Thanks Jay. The windows and doors are all are high end and I just want to be certain that whatever I'm using will be the most durable and longest lasting available while still being as infant friendly as possible. Product cost is always important but it's not the main concern in this situation.


----------



## RH (Sep 7, 2010)

Anyone has successful results with SW _Wood Classics Waterborne Polyurethane Varnish_? I'm not opposed to ordering in a great product but it would be nice to have the convenience of being able to obtain it through a local supplier. What about their _SHER-WOOD Water Reducible Wiping Stain_? Anyone had any success with it? I would like to use products that are designed to be part of a compatible system if possible.

Same goes with the Benwood line of products from BM.


----------



## BrushJockey (Mar 15, 2009)

I love this stuff. Easiest to use, tough as nails.
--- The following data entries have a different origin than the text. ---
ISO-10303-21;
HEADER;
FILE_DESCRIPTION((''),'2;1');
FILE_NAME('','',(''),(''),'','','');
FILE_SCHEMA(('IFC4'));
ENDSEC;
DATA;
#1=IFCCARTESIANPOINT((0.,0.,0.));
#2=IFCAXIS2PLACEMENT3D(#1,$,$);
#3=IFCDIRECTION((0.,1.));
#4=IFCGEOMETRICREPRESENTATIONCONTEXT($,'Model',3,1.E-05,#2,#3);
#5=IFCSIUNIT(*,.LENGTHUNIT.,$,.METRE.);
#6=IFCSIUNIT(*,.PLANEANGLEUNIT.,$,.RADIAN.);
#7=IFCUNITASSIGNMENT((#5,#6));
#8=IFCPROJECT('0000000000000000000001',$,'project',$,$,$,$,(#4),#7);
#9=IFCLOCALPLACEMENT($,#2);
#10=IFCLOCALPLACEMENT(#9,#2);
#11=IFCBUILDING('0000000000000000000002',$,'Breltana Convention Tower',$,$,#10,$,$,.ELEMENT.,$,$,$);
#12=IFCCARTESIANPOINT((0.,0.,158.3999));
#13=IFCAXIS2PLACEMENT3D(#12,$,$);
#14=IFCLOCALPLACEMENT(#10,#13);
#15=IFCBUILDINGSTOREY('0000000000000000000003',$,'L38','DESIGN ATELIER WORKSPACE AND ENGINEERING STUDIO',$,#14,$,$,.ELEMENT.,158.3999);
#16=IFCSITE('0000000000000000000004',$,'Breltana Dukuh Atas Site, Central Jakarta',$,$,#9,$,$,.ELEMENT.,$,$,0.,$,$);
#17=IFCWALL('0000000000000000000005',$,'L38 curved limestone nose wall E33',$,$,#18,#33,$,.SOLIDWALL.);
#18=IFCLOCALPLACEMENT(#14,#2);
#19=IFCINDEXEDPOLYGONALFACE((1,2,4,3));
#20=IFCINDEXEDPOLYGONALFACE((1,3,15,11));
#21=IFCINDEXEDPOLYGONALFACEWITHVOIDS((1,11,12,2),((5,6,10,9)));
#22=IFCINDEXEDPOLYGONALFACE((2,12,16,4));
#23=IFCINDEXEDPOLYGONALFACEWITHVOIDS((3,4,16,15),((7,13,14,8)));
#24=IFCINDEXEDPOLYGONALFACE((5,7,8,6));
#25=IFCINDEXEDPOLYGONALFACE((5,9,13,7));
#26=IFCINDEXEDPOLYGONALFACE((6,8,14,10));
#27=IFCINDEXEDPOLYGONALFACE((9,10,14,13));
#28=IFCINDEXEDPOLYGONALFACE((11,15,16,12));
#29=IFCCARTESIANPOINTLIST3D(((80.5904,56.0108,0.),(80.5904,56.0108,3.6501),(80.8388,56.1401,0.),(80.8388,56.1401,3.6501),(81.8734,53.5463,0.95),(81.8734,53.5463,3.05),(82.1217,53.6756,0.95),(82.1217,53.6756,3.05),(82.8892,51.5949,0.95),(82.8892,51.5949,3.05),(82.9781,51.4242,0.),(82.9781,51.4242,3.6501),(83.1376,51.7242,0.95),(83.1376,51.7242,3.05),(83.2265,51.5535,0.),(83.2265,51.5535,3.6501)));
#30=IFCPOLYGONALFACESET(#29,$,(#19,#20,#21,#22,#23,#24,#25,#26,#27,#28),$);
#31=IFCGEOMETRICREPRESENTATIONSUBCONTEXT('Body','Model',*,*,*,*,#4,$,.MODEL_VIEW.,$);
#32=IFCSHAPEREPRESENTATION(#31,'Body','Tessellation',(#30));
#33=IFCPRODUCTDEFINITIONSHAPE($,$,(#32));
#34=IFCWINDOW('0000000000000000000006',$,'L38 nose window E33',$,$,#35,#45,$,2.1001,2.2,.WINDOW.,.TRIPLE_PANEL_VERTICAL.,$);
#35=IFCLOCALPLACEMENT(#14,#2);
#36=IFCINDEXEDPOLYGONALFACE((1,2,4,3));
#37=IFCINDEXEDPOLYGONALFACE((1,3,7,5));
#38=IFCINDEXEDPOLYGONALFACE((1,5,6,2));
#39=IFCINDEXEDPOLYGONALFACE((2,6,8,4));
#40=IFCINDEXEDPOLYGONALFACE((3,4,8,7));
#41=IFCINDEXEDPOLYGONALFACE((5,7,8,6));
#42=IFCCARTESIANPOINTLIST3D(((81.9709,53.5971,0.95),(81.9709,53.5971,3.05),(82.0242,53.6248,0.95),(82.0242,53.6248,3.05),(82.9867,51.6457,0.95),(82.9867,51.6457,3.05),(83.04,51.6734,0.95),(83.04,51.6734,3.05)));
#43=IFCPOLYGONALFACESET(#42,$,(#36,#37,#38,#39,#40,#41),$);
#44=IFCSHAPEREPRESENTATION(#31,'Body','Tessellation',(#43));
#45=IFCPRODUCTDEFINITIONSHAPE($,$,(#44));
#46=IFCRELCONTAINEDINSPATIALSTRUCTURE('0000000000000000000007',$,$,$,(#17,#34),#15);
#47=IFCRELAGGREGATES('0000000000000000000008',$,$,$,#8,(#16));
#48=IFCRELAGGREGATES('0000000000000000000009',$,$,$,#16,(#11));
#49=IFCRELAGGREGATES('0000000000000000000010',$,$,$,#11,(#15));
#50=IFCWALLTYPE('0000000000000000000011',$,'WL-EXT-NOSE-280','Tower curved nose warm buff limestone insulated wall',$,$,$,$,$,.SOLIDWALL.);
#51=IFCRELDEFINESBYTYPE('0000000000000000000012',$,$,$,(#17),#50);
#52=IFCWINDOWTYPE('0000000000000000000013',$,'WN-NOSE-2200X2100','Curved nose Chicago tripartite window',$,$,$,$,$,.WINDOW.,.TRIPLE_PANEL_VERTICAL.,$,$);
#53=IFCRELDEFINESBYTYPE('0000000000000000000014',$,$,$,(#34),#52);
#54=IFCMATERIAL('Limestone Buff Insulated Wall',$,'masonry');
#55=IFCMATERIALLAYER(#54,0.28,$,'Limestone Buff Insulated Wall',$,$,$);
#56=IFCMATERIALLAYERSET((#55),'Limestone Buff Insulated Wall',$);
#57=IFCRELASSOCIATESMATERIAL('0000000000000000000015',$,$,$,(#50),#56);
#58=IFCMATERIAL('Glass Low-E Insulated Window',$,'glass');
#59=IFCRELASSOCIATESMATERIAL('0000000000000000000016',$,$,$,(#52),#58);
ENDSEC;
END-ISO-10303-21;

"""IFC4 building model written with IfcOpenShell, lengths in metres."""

from ifc_helpers import new_model, si_unit, direction, frame, frame_2d, origin, place, context, subcontext, project, spatial, rectangle, extrude, source, transform, mapped, material, layer, layer_set, type_object, type_shapes, element, fill, save


model = new_model("IFC4")

# Units and contexts
model_context = context("Model", 3, precision=1e-05, world=origin(), true_north=direction((0.0, 1.0)))
body_context = subcontext(model_context, "Body", "Model", "MODEL_VIEW")
ifc_project = project(units=[si_unit("LENGTHUNIT", "METRE"), si_unit("PLANEANGLEUNIT", "RADIAN")], contexts=[model_context])

# Site, building, storey
site_placement = place(None, origin())
site = spatial("IfcSite", under=ifc_project, at=site_placement, Name="Breltana Dukuh Atas Site, Central Jakarta", CompositionType="ELEMENT", RefElevation=0.0)
building_placement = place(site_placement, origin())
building = spatial("IfcBuilding", under=site, at=building_placement, Name="Breltana Convention Tower", CompositionType="ELEMENT")
storey_placement = place(building_placement, frame((0.0, 0.0, 158.3999)))
storey = spatial("IfcBuildingStorey", under=building, at=storey_placement, Name="L38", Description="DESIGN ATELIER WORKSPACE AND ENGINEERING STUDIO", CompositionType="ELEMENT", Elevation=158.3999)

# Wall, opening, window
ifc_material_1 = material(Name="Limestone Buff Insulated Wall", Category="masonry")
ifc_layer_1 = layer(ifc_material_1, 0.28, Name="Limestone Buff Insulated Wall")
ifc_layer_set_1 = layer_set([ifc_layer_1], Name="Limestone Buff Insulated Wall")
wall_type = type_object("IfcWallType", Name="WL-EXT-NOSE-280", Description="Tower curved nose warm buff limestone insulated wall", PredefinedType="SOLIDWALL", material=ifc_layer_set_1)
ifc_material_2 = material(Name="Glass Low-E Insulated Window", Category="glass")
window_type = type_object("IfcWindowType", Name="WN-NOSE-2200X2100", Description="Curved nose Chicago tripartite window", PartitioningType="TRIPLE_PANEL_VERTICAL", PredefinedType="WINDOW", material=ifc_material_2)
shared_shape_1 = source(origin(), body_context, "Body", "SweptSolid", [
    extrude(rectangle(XDim=2.2, YDim=2.1001, at=frame_2d((1.1001, 1.05))), frame((0.0, 0.03, 0.0), z_axis=(0.0, -1.0, 0.0), x_axis=(1.0, 0.0, 0.0)), (0.0, 0.0, 1.0), 0.0601),
])
type_shapes(window_type, [shared_shape_1])
shared_shape_2 = source(origin(), body_context, "Body", "SweptSolid", [
    extrude(rectangle(XDim=5.1709, YDim=0.28, at=frame_2d((2.5854, 0.0))), origin(), (0.0, 0.0, 1.0), 3.6501),
])
wall_1_placement = place(storey_placement, frame((80.7146, 56.0754, 0.0), z_axis=(0.0, 0.0, 1.0), x_axis=(0.461753, -0.887009, 0.0)))
wall_1 = element("IfcWall", 1, at=wall_1_placement, inside=storey, type_object=wall_type, Name="L38 curved limestone nose wall E33", PredefinedType="SOLIDWALL", context=body_context, shape_type="MappedRepresentation", body=[
    mapped(shared_shape_2, transform((0.0, 0.0, 0.0), scale=1.0)),
])
opening_1_placement = place(wall_1_placement, frame((2.7783, 0.0, 0.95)))
opening_1 = element("IfcOpeningElement", 2, at=opening_1_placement, cuts=wall_1, PredefinedType="OPENING", context=body_context, shape_type="SweptSolid", body=[
    extrude(rectangle(XDim=2.2, YDim=2.1001, at=frame_2d((1.1001, 1.05))), frame((0.0, 0.1499, 0.0), z_axis=(0.0, -1.0, 0.0), x_axis=(1.0, 0.0, 0.0)), (0.0, 0.0, 1.0), 0.3),
])
window_1_placement = place(opening_1_placement, origin())
window_1 = element("IfcWindow", 3, at=window_1_placement, inside=storey, type_object=window_type, Name="L38 nose window E33", OverallHeight=2.1001, OverallWidth=2.2, PartitioningType="TRIPLE_PANEL_VERTICAL", PredefinedType="WINDOW", context=body_context, shape_type="MappedRepresentation", body=[
    mapped(shared_shape_1, transform((0.0, 0.0, 0.0), scale=1.0)),
])
fill(opening_1, window_1)

save(model, "model.ifc")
http://www.ugl.com/zarWoodFinishing/zarInteriorPolyurethane/zarUltraMax.php


----------



## RH (Sep 7, 2010)

BrushJockey said:


> I love this stuff. Easiest to use, tough as nails.
> 
> http://www.ugl.com/zarWoodFinishing/zarInteriorPolyurethane/zarUltraMax.php


Thanks BJ. I see Sherwin Williams up in Portland carries it so I assume my local can order it in. Compatible stains available?


----------



## BrushJockey (Mar 15, 2009)

Should be good over any dried stain.
Zar makes great products in general- as does Modern Masters for stains and finishes.


----------



## RH (Sep 7, 2010)

BrushJockey said:


> Should be good over any dried stain.
> Zar makes great products in general- as does Modern Masters for stains and finishes.


That seems to be what most are saying but I'm trying to stay with waterborne if I possibly can because of the baby in the home.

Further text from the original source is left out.